3. Cook the vegetables: Add the remaining 1 tablespoon of vegetable oil to the wok or skillet and cook the onion, bell pepper, and mushrooms for 2-3 minutes, or until slightly tender.
4. Add the garlic and ginger: Cook the minced garlic and grated ginger for 1 minute, or until fragrant.
5. Whisk the sauce: In a small bowl, whisk together the soy sauce, oyster sauce (if using), brown sugar, cornstarch, ground ginger, and red pepper flakes (if using).
6. Add the sauce and beef: Pour the sauce into the wok or skillet and stir in the cooked beef. Cook for 1-2 minutes, or until the sauce thickens and the beef is coated.
7. Season and serve: Season with salt and pepper to taste. Garnish with sliced green onions and fresh cilantro (if using).
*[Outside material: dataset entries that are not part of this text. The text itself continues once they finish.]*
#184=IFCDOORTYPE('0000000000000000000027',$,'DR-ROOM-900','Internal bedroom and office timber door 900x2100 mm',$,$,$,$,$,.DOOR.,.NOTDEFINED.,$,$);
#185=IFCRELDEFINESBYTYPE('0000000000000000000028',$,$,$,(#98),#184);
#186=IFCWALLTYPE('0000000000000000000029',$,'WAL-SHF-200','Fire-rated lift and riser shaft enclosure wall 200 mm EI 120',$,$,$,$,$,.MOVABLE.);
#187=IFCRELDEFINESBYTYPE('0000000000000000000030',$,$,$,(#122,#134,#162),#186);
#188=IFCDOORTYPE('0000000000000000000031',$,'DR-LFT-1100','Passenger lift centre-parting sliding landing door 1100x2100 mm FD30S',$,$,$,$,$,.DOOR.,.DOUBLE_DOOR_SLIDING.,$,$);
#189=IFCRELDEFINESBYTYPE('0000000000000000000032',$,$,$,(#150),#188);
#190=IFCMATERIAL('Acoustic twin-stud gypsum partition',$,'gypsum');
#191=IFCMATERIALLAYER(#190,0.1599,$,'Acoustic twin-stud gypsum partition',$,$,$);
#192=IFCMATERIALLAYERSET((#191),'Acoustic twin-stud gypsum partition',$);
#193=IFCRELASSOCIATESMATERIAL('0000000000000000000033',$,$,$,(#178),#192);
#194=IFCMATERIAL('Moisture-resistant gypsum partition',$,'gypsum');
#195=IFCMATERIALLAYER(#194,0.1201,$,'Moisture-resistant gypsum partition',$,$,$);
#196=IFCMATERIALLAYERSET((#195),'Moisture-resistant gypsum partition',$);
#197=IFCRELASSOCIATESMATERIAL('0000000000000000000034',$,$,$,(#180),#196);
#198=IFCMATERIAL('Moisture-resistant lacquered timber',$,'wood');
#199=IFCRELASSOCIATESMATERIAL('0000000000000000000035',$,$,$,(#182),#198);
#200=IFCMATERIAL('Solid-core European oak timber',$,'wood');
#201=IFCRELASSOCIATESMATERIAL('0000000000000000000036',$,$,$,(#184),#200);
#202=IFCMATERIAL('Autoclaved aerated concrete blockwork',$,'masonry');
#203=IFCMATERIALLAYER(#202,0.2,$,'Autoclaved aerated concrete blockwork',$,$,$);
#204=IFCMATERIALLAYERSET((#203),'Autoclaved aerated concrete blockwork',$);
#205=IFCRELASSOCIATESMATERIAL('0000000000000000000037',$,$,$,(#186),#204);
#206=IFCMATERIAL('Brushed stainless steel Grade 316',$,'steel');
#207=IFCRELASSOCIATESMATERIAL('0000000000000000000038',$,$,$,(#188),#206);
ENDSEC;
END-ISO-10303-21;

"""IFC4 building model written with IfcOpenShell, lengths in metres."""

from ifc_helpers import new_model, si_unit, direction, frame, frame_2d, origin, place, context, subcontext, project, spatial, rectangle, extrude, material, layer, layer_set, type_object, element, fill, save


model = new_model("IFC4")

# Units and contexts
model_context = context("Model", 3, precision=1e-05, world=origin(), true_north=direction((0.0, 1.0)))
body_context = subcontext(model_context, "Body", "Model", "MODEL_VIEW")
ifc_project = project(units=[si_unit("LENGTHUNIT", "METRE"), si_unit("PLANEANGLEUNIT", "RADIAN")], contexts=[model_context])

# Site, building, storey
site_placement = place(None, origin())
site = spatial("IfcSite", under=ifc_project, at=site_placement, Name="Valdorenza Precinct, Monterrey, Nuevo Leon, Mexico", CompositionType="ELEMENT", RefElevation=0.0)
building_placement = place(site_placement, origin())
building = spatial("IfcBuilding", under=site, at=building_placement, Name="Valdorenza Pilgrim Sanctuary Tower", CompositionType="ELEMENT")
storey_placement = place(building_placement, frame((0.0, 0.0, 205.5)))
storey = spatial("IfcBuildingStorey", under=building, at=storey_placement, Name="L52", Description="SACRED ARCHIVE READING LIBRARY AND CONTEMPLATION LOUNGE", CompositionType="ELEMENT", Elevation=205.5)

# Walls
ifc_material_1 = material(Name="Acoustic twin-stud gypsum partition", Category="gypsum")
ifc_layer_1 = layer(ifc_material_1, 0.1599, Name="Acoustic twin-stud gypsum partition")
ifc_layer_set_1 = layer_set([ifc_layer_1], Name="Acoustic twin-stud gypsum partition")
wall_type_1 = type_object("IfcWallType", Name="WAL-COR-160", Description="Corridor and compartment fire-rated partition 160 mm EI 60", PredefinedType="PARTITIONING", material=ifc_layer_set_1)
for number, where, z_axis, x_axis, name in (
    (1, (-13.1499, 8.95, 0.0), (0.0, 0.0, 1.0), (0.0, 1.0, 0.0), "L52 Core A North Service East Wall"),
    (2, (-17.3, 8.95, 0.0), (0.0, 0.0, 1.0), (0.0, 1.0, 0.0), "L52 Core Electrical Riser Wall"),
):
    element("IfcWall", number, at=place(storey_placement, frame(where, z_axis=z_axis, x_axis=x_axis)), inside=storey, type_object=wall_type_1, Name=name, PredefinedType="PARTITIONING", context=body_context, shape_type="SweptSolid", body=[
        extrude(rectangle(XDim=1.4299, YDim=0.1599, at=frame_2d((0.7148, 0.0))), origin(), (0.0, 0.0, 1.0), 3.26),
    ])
Serve immediately over cooked rice or noodles.

TIPS & TRICKS

Here are some valuable tips to enhance your Mongolian Beef:

Use high-quality ingredients: Fresh herbs, tender beef, and vibrant vegetables make a big difference in flavor and presentation.
Don’t overcook the beef: Cook the beef until it’s tender, but still slightly pink in the center. This will ensure it stays juicy and retains its flavor.
Customize the spice level: Adjust the amount of red pepper flakes to suit your taste for heat.
Add aromatics: Saute the aromatics (garlic and ginger) in a little oil before adding the vegetables for a more intense flavor.

NUTRITION

A serving size of this Mongolian Beef recipe (assuming 4 servings) yields approximately:

– Calories: 420 per serving
– Fat: 22g (34% of the daily value)
– Saturated fat: 8g (40% of the daily value)
– Sodium: 450mg (19% of the daily value)
– Total carbohydrates: 32g (12% of the daily value)
– Fiber: 4g (16% of the daily value)
– Protein: 30g (60% of the daily value)

This recipe makes a relatively healthy meal option, considering it uses lean protein and a balance of vegetables. Feel free to make adjustments to suit your dietary needs or preferences.